It's taken me over three hours to type those few paragraphs, driven through my sleepiness by anxiety no doubt. Now I don't want to post it because the sound of the modem dialing up the server and the server answering would probably wake Susan. I feel I owe her an apology already for leaving her dangling in the conversation with the doctor. I don't want to add modem noise.

Thursday night, April 23, 1998
Messier Than We Thought

The surgeon who did the original maxillectomy and the follow-up surgeries last fall thinks any "little" surgery to my eye would be both futile and dangerous. They would be cutting into tumor, not healthy tissue, and the circulation is already bad in that area because of all the previous radiation and surgery and recent chemotherapy so healing would be a problem. He sees a significant risk of starting some continuous bleeding and getting infections that won't clear. The oncologist points out that my tumors are likely to pop through the skin fairly soon, at which point I'll face risks of bleeding and infections anyway. It also turns out that the very procedure I've asked them to try, direct injections of the p53 vector, carries some of these same risks. The whole point of the p53 study is to prove the principle that tumor cells will necrose under the directions of this compound. The problem of getting all the dead cells cleared out remains. The needle itself and a syringe-barrel full of liquid create a wound in the first place. The oncologist is still in favor of debulking the tumor and thus trying to gain a little time to try something else -- a standard compound like methotrexate, if not p53. He's asked a different surgeon, an eye specialist, to look at my eye and this other guy is willing to try "debulking" but is not enthusiastic about it. I have to decide by noon tomorrow (Friday, 4/24) whether I want the surgery next Wednesday or not. If I don't take that date I'll have to wait an undetermined long time after. It's not clear that I'd get p53 whatever I do. The oncologist is willing to set up an exam and consultation with someone with immediate access to the stuff and while I'm willing to travel for such a thing, that person, whoever it might be, would still have to be willing to set up a treatment outside of the study protocol just for me. As for a more standard chemotherapy, they've already hit me with their best shot and it failed. I'm being asked to decide to try something already thought to be less likely to succeed.

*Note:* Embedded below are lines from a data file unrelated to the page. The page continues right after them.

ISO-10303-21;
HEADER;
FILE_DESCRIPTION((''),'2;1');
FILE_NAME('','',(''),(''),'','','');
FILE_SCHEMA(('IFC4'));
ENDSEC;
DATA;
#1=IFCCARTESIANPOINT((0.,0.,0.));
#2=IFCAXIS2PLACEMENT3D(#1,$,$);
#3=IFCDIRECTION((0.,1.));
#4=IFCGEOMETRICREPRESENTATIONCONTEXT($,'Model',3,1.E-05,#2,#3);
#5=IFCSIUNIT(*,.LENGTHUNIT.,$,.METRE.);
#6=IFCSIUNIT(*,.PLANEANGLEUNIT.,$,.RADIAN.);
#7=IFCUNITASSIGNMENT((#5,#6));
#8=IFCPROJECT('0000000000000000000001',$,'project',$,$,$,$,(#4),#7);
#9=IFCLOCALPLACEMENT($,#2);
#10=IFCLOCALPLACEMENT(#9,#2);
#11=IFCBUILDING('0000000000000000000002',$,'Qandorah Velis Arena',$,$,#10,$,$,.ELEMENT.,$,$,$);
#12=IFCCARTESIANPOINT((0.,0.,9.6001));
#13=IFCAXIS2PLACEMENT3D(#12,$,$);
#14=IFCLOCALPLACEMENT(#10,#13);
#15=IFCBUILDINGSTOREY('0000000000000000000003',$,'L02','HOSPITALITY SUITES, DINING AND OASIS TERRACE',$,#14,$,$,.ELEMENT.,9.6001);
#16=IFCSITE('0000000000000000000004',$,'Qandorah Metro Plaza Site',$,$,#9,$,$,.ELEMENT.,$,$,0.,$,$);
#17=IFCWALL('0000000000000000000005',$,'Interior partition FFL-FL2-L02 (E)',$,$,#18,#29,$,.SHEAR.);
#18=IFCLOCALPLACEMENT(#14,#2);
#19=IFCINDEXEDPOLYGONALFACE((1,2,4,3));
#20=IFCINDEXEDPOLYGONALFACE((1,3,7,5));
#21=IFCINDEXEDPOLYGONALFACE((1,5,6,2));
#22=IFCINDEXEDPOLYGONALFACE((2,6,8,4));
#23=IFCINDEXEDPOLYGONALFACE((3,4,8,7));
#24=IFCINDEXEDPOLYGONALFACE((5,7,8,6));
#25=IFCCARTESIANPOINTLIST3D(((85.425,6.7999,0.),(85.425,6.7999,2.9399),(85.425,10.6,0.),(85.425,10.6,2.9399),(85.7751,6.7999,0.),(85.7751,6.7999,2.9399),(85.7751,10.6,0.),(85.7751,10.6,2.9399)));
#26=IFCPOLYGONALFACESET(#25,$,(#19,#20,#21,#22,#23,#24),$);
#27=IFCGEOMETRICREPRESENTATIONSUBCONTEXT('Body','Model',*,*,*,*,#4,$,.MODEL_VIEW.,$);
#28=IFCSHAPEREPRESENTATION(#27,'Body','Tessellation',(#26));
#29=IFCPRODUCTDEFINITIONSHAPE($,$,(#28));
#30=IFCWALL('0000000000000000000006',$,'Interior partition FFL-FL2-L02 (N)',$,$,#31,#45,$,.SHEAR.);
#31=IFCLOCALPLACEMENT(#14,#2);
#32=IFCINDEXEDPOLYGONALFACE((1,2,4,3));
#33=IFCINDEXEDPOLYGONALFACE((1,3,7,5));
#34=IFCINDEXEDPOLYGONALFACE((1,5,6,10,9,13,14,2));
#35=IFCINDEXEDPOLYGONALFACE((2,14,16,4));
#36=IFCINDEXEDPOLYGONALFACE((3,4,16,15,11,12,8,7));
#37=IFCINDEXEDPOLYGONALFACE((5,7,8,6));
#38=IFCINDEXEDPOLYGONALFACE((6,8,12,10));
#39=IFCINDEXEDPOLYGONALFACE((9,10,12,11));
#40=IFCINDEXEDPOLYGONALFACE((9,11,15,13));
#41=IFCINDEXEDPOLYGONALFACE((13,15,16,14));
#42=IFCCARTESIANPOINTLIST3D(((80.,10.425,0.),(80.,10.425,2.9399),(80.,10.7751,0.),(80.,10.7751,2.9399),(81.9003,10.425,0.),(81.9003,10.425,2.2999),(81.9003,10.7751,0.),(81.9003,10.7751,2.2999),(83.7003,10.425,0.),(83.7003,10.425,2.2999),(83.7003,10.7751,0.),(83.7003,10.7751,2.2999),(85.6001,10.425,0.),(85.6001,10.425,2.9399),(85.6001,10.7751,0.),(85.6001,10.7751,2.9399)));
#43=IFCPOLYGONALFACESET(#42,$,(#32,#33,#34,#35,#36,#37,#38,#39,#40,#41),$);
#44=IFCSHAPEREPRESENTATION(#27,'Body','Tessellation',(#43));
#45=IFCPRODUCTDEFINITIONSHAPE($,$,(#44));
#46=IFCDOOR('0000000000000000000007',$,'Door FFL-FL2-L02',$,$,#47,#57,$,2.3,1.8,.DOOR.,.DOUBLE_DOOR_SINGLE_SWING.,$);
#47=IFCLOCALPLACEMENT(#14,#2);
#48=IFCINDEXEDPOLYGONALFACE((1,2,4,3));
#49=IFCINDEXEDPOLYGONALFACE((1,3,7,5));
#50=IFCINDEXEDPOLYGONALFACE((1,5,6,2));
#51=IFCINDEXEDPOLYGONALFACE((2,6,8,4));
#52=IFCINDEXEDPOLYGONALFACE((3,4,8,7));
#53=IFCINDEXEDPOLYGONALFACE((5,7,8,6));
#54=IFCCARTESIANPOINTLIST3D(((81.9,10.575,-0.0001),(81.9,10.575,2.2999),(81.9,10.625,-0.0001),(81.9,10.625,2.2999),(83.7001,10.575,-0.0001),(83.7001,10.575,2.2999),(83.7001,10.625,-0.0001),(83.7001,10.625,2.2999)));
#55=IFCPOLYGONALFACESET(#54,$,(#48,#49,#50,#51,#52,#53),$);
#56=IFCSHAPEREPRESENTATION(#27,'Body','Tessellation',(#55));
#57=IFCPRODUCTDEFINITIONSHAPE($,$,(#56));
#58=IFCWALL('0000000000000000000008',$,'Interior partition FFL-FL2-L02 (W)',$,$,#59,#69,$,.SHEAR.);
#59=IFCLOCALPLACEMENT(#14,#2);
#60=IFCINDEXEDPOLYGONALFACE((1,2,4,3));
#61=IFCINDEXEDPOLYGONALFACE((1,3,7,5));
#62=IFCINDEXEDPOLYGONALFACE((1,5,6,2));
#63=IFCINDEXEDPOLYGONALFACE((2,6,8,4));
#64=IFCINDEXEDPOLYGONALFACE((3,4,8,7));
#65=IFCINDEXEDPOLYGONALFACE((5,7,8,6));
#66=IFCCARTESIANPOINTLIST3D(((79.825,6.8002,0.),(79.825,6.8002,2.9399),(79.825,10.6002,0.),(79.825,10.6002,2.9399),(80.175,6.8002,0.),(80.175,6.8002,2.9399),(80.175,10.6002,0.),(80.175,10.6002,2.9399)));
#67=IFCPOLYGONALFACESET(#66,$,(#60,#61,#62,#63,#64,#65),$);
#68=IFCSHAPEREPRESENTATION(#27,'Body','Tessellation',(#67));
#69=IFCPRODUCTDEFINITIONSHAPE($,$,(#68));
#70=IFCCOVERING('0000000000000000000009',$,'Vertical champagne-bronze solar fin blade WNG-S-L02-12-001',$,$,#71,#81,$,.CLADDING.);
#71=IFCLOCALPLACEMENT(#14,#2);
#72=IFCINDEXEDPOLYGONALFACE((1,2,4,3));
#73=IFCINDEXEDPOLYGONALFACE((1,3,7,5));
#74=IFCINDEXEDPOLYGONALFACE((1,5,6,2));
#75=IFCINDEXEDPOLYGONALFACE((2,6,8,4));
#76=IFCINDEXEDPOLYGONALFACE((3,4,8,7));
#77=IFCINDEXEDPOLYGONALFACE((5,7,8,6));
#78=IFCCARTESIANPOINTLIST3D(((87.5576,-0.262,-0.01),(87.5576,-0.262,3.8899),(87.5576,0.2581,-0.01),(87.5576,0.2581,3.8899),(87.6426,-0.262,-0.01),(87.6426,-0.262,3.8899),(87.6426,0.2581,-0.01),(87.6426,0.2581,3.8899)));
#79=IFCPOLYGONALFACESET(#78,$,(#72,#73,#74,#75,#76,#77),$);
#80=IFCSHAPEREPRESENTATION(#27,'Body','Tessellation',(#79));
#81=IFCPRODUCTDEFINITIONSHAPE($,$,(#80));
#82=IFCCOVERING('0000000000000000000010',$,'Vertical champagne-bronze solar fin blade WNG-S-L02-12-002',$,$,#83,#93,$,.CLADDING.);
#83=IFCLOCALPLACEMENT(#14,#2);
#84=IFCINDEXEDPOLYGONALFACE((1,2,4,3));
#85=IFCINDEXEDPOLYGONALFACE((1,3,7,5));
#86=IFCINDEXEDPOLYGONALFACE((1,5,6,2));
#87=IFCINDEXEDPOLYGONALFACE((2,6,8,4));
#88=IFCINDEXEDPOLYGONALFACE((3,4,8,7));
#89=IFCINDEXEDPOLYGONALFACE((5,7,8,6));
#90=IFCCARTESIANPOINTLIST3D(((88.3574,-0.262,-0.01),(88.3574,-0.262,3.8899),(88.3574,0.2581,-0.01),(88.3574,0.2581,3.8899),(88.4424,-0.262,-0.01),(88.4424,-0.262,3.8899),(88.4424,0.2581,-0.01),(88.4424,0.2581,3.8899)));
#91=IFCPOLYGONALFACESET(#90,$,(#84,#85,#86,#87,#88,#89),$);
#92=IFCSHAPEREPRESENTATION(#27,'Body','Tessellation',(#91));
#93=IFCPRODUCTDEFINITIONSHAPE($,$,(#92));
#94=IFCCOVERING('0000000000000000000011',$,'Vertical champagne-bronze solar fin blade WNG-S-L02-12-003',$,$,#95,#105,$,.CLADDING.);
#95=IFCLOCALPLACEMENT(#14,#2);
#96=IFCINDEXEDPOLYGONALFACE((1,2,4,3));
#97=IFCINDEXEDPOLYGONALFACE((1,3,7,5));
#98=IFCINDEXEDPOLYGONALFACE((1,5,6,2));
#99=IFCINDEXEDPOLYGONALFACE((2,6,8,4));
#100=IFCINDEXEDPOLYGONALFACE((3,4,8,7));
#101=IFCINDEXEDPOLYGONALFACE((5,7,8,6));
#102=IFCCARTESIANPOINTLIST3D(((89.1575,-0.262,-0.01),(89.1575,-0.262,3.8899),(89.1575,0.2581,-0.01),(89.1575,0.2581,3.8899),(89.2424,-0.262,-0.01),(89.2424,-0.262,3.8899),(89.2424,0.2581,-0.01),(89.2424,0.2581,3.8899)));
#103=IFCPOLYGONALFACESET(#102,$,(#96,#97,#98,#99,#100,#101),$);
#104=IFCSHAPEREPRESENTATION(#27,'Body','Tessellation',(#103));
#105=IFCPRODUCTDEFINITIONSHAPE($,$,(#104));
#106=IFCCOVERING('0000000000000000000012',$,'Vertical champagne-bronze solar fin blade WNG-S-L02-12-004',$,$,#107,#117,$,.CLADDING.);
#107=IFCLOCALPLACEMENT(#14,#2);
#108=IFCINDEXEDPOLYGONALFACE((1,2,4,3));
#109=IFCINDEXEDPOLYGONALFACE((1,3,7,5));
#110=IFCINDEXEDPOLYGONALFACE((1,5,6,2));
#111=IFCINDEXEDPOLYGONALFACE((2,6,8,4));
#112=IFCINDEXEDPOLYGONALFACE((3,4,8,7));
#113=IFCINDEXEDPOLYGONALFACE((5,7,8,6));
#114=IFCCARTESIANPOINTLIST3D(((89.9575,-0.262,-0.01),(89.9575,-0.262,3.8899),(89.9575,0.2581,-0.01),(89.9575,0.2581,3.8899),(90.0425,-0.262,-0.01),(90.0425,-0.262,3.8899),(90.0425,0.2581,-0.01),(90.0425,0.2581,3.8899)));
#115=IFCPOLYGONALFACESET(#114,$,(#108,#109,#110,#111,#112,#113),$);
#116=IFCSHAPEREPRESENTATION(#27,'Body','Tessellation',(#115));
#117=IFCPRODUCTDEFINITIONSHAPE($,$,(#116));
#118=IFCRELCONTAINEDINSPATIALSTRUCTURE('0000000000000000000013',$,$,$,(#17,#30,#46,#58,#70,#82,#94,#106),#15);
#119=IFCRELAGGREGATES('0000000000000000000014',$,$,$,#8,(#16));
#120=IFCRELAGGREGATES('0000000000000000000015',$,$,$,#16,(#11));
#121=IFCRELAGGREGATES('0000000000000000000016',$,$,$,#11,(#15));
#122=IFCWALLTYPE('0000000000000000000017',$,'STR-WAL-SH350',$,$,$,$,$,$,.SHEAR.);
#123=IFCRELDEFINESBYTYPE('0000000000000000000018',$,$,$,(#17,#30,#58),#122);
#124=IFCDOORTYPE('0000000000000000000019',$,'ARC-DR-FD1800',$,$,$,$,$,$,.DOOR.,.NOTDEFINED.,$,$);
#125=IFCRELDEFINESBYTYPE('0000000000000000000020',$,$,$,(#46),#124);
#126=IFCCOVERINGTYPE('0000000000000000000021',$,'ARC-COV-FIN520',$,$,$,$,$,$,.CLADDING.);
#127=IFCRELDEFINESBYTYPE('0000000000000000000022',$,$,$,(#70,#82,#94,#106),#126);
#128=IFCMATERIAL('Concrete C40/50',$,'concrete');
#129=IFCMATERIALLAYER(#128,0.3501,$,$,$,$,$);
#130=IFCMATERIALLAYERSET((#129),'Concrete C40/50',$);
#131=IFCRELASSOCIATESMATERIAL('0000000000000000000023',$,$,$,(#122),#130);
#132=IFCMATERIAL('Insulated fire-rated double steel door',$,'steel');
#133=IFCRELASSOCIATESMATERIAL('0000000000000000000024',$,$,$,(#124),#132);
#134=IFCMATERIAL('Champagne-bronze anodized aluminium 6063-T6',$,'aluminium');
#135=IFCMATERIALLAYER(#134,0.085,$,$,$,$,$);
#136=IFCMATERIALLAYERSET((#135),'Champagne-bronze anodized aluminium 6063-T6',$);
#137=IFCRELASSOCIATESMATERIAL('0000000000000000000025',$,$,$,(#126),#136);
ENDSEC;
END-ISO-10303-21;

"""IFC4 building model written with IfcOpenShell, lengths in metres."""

from ifc_helpers import new_model, si_unit, direction, frame, frame_2d, origin, origin_2d, place, context, subcontext, project, spatial, rectangle, extrude, material, layer, layer_set, type_object, element, fill, save


model = new_model("IFC4")

# Units and contexts
model_context = context("Model", 3, precision=1e-05, world=origin(), true_north=direction((0.0, 1.0)))
body_context = subcontext(model_context, "Body", "Model", "MODEL_VIEW")
ifc_project = project(units=[si_unit("LENGTHUNIT", "METRE"), si_unit("PLANEANGLEUNIT", "RADIAN")], contexts=[model_context])

# Site, building, storey
site_placement = place(None, origin())
site = spatial("IfcSite", under=ifc_project, at=site_placement, Name="Qandorah Metro Plaza Site", CompositionType="ELEMENT", RefElevation=0.0)
building_placement = place(site_placement, origin())
building = spatial("IfcBuilding", under=site, at=building_placement, Name="Qandorah Velis Arena", CompositionType="ELEMENT")
storey_placement = place(building_placement, frame((0.0, 0.0, 9.6001)))
storey = spatial("IfcBuildingStorey", under=building, at=storey_placement, Name="L02", Description="HOSPITALITY SUITES, DINING AND OASIS TERRACE", CompositionType="ELEMENT", Elevation=9.6001)

# Shared definitions
ifc_material_1 = material(Name="Concrete C40/50", Category="concrete")

# Shared definitions
ifc_material_2 = material(Name="Champagne-bronze anodized aluminium 6063-T6", Category="aluminium")

# Wall
ifc_layer_1 = layer(ifc_material_1, 0.3501)
ifc_layer_set_1 = layer_set([ifc_layer_1], Name="Concrete C40/50")
wall_type_1 = type_object("IfcWallType", Name="STR-WAL-SH350", PredefinedType="SHEAR", material=ifc_layer_set_1)
wall_1_placement = place(storey_placement, frame((85.6001, 6.8, 0.0), z_axis=(0.0, 0.0, 1.0), x_axis=(0.0, 1.0, 0.0)))
element("IfcWall", 1, at=wall_1_placement, inside=storey, type_object=wall_type_1, Name="Interior partition FFL-FL2-L02 (E)", PredefinedType="SHEAR", context=body_context, shape_type="SweptSolid", body=[
    extrude(rectangle(XDim=3.8, YDim=0.3501, at=frame_2d((1.8999, 0.0))), origin(), (0.0, 0.0, 1.0), 2.9399),
])

# Wall, opening, door
wall_2_placement = place(storey_placement, frame((85.6001, 10.6001, 0.0), z_axis=(0.0, 0.0, 1.0), x_axis=(-1.0, 0.0, 0.0)))
wall_2 = element("IfcWall", 2, at=wall_2_placement, inside=storey, type_object=wall_type_1, Name="Interior partition FFL-FL2-L02 (N)", PredefinedType="SHEAR", context=body_context, shape_type="SweptSolid", body=[
    extrude(rectangle(XDim=5.6001, YDim=0.3501, at=frame_2d((2.8, 0.0))), origin(), (0.0, 0.0, 1.0), 2.9399),
])
opening_placement = place(wall_2_placement, frame((1.8999, 0.0, 0.0)))
opening = element("IfcOpeningElement", 3, at=opening_placement, cuts=wall_2, PredefinedType="OPENING", context=body_context, shape_type="SweptSolid", body=[
    extrude(rectangle(XDim=1.8, YDim=2.3, at=frame_2d((0.8999, 1.1499))), frame((0.0, 0.1851, 0.0), z_axis=(0.0, -1.0, 0.0), x_axis=(1.0, 0.0, 0.0)), (0.0, 0.0, 1.0), 0.3701),
])
ifc_material_3 = material(Name="Insulated fire-rated double steel door", Category="steel")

I know my mood is often different in the daylight than it is in the dark so I've decided not to decide tonight.

Friday, April 24, 1998
Deciding in the Dark

I was right that my mood changed with the sunrise. I now feel that the odds of getting through the debulking without complications are similar to the odds of having complications without the surgery and there's a fair chance for a little extra time with less pain and pressure. The important word in that last sentence is "feel," I know far too little to make an informed decision. I might change my mind if I were to hear that the films from yesterday's CT scan of my orbital area showed dramatic intrusion back toward the brain or encroachment toward a major artery. I would probably rethink things or, rather, re-feel things then.

The pace of typing this update is appallingly slow and I'll have to break off soon but before I stop I want to tell anyone planning on coming to my reading tonight to please feel free to skip it. I scheduled this so many months ago that I can't bring myself to cancel it now but I don't really know how long or how well I can read. The plan is that Maude will read first for twenty minutes and I will read second for thirty-five or forty minutes, concentrating on poems I've written in the last year. Frequent visitors to this page might guess that comic themes aren't likely to dominate the evening. I had thought about hauling out some older pieces to lighten things up but it seemed that the gaiety might feel a tad bit forced.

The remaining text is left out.